Pub Date: Sept. 1st, 1980
ISBN: 0060220120
Publisher: Harper & Row

A small, sturdy, shapely evocation of the artist's calling, prefaced by a quotation from Pisarro—"Only painting counts"—and featuring a white-bearded, straw-hatted Pissarro-like painter. "An artist is like God, but small," it begins. "He can't see out of God's creation,/ for it includes him./ With the seas divided,/ all the animals named,/ and the sun and moon and stars/ set in their tracks,/ an artist spends his life/ not only wondering, but wanting to work like God/ with what he can command: his paints." So: "He tries to copy God's creations." And on his easel we see a landscape. "He tries to shape beauty with his hand." A long-curving stroke of the brush. "He tries to make order out of nature." A geometric abstract. "He tries to paint the thoughts and feelings in his mind." Freeforms.
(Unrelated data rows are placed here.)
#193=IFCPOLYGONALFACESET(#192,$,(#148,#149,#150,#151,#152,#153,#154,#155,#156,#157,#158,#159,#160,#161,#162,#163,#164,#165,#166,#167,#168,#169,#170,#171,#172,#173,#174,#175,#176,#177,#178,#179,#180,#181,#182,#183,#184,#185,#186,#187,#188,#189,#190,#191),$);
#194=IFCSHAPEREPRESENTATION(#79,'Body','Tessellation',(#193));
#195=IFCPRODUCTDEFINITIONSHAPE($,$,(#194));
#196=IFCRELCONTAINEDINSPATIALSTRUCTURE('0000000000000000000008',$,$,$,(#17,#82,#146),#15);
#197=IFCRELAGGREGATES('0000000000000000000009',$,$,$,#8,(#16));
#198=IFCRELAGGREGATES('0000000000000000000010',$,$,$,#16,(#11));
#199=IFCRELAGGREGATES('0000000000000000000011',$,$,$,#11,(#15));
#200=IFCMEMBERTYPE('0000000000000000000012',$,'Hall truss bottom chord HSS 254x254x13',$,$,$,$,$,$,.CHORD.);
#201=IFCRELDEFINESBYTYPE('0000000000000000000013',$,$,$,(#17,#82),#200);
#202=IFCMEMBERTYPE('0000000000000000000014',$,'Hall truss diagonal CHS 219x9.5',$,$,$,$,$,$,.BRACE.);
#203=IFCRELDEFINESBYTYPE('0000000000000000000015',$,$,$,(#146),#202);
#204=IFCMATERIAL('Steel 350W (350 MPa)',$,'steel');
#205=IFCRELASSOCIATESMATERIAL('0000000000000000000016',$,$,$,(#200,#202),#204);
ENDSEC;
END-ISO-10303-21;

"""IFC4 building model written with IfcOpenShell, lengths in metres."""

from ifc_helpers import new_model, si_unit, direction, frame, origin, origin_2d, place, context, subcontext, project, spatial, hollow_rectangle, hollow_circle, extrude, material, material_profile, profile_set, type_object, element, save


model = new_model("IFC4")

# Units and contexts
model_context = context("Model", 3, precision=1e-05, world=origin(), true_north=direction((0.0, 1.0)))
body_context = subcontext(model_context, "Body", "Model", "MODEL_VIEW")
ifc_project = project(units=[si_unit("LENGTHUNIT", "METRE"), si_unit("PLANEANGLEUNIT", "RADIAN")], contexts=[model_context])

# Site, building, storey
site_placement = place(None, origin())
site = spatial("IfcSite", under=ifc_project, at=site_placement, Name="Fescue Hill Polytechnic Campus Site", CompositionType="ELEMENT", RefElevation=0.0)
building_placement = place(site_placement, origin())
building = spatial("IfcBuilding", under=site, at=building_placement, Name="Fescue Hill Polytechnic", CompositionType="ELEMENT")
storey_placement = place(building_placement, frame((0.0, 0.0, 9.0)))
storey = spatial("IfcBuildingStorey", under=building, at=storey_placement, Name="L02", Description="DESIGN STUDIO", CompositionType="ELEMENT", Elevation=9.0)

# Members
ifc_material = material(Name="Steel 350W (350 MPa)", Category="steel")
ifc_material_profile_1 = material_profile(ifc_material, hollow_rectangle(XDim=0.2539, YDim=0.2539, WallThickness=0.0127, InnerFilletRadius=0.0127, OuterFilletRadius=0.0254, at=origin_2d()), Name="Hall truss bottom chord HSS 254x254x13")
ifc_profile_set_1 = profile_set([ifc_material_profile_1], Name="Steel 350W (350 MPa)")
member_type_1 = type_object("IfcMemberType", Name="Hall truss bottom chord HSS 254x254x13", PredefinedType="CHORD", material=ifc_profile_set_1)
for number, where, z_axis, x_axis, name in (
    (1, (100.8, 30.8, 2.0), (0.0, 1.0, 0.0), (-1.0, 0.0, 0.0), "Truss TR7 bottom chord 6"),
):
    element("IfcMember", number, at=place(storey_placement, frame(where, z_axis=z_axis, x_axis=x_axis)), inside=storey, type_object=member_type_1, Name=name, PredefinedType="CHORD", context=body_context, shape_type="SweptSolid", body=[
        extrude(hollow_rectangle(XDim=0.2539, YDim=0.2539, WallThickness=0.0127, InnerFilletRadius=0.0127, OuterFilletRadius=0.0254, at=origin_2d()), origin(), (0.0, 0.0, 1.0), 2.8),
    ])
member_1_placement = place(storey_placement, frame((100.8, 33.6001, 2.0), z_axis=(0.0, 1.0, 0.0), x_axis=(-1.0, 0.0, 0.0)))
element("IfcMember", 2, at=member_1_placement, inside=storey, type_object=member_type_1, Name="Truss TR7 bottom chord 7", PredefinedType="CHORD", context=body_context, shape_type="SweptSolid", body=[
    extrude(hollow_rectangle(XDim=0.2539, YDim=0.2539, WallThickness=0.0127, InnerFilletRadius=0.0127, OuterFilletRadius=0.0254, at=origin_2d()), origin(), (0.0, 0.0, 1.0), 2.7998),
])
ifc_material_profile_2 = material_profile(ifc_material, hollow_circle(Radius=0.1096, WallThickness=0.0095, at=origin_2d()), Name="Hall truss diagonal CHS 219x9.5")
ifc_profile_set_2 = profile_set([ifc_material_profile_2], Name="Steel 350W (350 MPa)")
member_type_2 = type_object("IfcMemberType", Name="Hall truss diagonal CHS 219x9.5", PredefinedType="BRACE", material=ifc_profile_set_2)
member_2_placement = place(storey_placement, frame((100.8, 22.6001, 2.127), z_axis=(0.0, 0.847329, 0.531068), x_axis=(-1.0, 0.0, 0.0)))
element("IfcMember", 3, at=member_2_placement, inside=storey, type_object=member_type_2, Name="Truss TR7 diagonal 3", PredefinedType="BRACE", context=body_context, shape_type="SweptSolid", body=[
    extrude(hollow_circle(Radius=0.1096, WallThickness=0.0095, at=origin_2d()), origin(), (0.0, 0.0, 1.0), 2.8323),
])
Then, the reprise: "An artist is like God/ as God created him./ Small, strong, and with limited days,/ his gift of breath is spent/ over his paintbox./ Choosing and brushing his colors,/ he tries to make paint sing." In its entirety, this may indeed speak more volumes to adults than to children; but excepting only a few phrases near the end ("and with limited days, his gift of breath is spent"), the text is graphic, the imagery plain. And the illustrations—tiny, almost-childlike watercolors into which the palpable figure of the painter is set, a painter within paintings—have an immediate appeal and the resonance of some of Goffstein's best work. It's special, maybe, but it's not forced.